Autophagy inhibition enhances therapy-induced apoptosis in a Myc-induced model of lymphoma
Ravi K Amaravadi, Duonan Yu, Julian J Lum, Thi Bui, Maria A Christophorou, Gerard I Evan, Andrei Thomas-Tikhonenko, Craig B Thompson, Ravi K Amaravadi, Duonan Yu, Julian J Lum, Thi Bui, Maria A Christophorou, Gerard I Evan, Andrei Thomas-Tikhonenko, Craig B Thompson
Abstract
Autophagy is a lysosome-dependent degradative pathway frequently activated in tumor cells treated with chemotherapy or radiation. Whether autophagy observed in treated cancer cells represents a mechanism that allows tumor cells to survive therapy or a mechanism for initiating a nonapoptotic form of programmed cell death remains controversial. To address this issue, the role of autophagy in a Myc-induced model of lymphoma generated from cells derived from p53ER(TAM)/p53ER(TAM) mice (with ER denoting estrogen receptor) was examined. Such tumors are resistant to apoptosis due to a lack of nuclear p53. Systemic administration of tamoxifen led to p53 activation and tumor regression followed by tumor recurrence. Activation of p53 was associated with the rapid appearance of apoptotic cells and the induction of autophagy in surviving cells. Inhibition of autophagy with either chloroquine or ATG5 short hairpin RNA (shRNA) enhanced the ability of either p53 activation or alkylating drug therapy to induce tumor cell death.

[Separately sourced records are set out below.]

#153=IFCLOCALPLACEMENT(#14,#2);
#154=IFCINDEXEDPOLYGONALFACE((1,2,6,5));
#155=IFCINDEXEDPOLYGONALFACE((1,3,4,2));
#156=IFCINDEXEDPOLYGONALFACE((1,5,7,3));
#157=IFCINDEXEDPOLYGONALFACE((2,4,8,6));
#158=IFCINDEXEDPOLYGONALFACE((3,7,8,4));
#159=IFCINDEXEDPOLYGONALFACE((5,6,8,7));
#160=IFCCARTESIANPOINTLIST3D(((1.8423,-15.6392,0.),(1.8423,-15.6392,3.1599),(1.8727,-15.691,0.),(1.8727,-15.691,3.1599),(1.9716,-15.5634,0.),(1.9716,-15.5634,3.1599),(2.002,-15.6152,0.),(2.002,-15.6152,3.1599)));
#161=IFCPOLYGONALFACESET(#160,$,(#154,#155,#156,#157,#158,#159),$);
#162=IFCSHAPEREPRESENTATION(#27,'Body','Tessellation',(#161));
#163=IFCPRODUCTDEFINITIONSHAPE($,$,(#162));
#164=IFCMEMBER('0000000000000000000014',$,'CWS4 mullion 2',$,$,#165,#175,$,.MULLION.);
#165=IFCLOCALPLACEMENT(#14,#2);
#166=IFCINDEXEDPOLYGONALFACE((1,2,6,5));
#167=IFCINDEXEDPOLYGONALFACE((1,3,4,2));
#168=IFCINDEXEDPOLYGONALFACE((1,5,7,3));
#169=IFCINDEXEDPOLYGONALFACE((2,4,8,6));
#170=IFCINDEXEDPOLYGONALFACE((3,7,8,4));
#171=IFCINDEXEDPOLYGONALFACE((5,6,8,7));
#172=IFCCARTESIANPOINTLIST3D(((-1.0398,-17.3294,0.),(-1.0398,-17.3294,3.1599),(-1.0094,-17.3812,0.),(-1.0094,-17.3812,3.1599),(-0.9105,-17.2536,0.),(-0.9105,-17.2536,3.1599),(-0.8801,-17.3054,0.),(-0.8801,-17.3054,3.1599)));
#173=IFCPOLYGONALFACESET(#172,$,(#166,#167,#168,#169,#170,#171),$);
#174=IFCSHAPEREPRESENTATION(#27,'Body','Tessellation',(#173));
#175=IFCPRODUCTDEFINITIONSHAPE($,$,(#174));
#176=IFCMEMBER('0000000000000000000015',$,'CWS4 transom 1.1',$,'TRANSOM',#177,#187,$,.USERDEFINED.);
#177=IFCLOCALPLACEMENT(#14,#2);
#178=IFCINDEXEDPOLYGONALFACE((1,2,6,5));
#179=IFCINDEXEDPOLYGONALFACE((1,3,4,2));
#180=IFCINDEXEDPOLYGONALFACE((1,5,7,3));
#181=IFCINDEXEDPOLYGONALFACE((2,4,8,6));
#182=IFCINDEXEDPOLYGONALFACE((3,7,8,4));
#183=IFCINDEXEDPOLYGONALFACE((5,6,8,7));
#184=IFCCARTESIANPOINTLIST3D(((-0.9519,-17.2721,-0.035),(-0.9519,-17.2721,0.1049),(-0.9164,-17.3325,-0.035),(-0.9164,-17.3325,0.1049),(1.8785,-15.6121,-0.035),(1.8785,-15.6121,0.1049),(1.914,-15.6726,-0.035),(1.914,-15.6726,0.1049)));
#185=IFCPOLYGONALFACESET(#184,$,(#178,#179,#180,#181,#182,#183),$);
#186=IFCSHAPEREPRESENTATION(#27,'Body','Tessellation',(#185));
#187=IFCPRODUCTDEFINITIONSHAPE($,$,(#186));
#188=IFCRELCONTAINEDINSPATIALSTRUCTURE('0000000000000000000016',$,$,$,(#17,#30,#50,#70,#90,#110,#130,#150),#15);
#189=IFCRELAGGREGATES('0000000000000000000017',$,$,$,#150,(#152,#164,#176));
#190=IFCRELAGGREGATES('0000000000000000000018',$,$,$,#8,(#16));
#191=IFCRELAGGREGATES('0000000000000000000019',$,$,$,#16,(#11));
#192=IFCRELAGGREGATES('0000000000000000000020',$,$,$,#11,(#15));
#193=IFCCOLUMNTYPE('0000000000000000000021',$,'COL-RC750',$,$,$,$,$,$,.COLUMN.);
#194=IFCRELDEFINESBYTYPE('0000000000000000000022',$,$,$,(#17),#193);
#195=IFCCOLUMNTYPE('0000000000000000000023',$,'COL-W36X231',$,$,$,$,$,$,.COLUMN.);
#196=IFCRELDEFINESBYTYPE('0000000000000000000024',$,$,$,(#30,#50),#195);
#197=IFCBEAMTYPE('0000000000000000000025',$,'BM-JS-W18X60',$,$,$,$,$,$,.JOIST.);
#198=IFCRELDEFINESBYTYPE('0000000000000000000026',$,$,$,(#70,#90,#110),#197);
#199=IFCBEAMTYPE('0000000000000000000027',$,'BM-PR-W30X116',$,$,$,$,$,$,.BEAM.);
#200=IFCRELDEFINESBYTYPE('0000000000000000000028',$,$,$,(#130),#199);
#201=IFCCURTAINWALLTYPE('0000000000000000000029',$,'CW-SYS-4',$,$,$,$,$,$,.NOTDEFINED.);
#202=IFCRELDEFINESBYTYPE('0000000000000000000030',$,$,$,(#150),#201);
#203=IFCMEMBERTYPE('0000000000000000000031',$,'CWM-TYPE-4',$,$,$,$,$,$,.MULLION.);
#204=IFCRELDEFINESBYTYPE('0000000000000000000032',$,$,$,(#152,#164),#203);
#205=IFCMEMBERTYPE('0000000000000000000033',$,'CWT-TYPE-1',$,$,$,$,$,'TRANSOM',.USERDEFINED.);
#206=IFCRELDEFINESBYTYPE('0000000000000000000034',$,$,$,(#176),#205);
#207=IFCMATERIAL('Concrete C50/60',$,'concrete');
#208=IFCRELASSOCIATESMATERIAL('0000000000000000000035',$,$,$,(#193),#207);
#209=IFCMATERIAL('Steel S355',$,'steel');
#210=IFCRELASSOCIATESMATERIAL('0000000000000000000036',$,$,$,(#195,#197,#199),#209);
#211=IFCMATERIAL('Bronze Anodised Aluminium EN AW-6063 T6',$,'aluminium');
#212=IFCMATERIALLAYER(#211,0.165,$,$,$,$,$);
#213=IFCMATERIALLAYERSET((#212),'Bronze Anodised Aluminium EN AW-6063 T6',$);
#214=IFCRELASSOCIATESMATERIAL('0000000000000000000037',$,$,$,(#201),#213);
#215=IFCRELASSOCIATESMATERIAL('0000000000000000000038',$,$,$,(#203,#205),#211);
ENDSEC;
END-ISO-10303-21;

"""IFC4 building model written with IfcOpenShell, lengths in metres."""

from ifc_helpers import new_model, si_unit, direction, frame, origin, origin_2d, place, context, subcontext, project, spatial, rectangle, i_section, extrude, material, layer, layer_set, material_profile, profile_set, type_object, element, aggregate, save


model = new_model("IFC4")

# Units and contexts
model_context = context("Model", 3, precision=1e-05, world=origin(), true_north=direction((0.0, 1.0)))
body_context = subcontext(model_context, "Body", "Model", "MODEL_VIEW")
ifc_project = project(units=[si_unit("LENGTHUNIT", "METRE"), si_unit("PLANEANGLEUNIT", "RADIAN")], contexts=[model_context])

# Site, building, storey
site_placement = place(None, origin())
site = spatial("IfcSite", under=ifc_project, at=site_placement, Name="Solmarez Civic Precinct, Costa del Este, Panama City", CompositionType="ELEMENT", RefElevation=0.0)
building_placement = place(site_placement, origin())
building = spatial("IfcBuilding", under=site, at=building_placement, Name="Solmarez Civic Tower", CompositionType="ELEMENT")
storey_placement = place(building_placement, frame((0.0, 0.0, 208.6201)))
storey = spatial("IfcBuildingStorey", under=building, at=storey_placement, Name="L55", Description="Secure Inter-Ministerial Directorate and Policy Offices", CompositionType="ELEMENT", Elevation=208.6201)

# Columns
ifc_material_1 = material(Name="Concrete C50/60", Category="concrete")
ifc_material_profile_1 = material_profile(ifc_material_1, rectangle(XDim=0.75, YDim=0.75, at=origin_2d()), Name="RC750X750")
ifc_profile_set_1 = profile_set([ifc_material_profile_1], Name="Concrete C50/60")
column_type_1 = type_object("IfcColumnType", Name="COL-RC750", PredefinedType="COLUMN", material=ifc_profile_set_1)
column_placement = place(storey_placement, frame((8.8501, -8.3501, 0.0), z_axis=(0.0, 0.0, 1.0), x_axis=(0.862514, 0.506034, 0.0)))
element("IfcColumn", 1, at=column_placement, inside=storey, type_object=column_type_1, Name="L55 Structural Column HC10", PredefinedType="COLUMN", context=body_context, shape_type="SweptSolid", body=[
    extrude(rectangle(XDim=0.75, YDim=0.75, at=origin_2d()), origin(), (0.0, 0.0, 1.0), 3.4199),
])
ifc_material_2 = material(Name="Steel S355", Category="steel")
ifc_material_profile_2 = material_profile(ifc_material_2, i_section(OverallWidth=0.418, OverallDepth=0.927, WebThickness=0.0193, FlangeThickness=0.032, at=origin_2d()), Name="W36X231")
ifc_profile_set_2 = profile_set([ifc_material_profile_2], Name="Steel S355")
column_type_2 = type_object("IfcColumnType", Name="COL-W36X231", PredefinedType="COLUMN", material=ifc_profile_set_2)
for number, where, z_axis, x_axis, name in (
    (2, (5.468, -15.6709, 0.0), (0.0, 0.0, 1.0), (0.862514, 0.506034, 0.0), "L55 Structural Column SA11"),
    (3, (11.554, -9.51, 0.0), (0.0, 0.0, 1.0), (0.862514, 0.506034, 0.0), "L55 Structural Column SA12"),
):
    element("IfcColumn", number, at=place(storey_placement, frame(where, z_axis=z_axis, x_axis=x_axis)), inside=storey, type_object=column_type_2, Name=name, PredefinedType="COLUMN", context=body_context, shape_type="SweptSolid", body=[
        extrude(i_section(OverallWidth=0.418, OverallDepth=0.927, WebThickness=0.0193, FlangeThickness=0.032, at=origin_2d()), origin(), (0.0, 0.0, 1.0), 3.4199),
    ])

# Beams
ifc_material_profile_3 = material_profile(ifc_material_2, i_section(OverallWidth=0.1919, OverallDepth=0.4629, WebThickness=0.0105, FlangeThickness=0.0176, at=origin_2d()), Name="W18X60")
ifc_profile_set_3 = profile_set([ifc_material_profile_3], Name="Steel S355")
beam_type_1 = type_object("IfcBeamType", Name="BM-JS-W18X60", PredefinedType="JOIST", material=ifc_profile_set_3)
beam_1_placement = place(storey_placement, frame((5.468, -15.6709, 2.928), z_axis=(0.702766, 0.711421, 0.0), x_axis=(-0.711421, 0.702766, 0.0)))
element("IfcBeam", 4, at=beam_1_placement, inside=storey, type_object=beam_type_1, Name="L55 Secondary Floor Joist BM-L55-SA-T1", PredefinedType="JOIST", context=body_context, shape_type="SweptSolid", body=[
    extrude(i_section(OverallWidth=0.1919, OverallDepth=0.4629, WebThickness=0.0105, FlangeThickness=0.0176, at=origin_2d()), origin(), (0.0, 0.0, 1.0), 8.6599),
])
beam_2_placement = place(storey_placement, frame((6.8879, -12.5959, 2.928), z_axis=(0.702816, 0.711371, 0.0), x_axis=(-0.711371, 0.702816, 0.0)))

These studies provide evidence that autophagy serves as a survival pathway in tumor cells treated with apoptosis activators and a rationale for the use of autophagy inhibitors such as chloroquine in combination with therapies designed to induce apoptosis in human cancers.
Figures
(A) CQ impairs tumor growth. Cells from a primary Myc/p53ERTAMtumor were harvested and passaged in vivo in 6 syngeneic C57BL/6×129F1 mice. Cells were injected subcutaneously into the flanks of mice. When tumors reached a volume of more than 1,000 mm3, mice were assigned to daily PBS i.p. or 60 mg/kg/d CQ i.p. Results shown are mean ± SD daily tumor volumes and are representative of multiple experiments. *P < 0.05. (B) CQ delays tumor recurrence after p53-induced tumor regression. Myc/p53ERTAM cells were injected subcutaneously into the flanks of 18 C57BL/6×129F1 mice. Once tumors reached a volume of more than 1,500 mm3, mice were assigned to daily treatment (arrow) with 1 mg/d TAM i.p. plus saline (TAM/PBS) or 1 mg/d TAM i.p. plus 60 mg/kg/d CQ i.p. (TAM/CQ). Results shown are daily tumor volumes (mean ± SD) for each group from a representative experiment. *P < 0.05; **P < 0.005.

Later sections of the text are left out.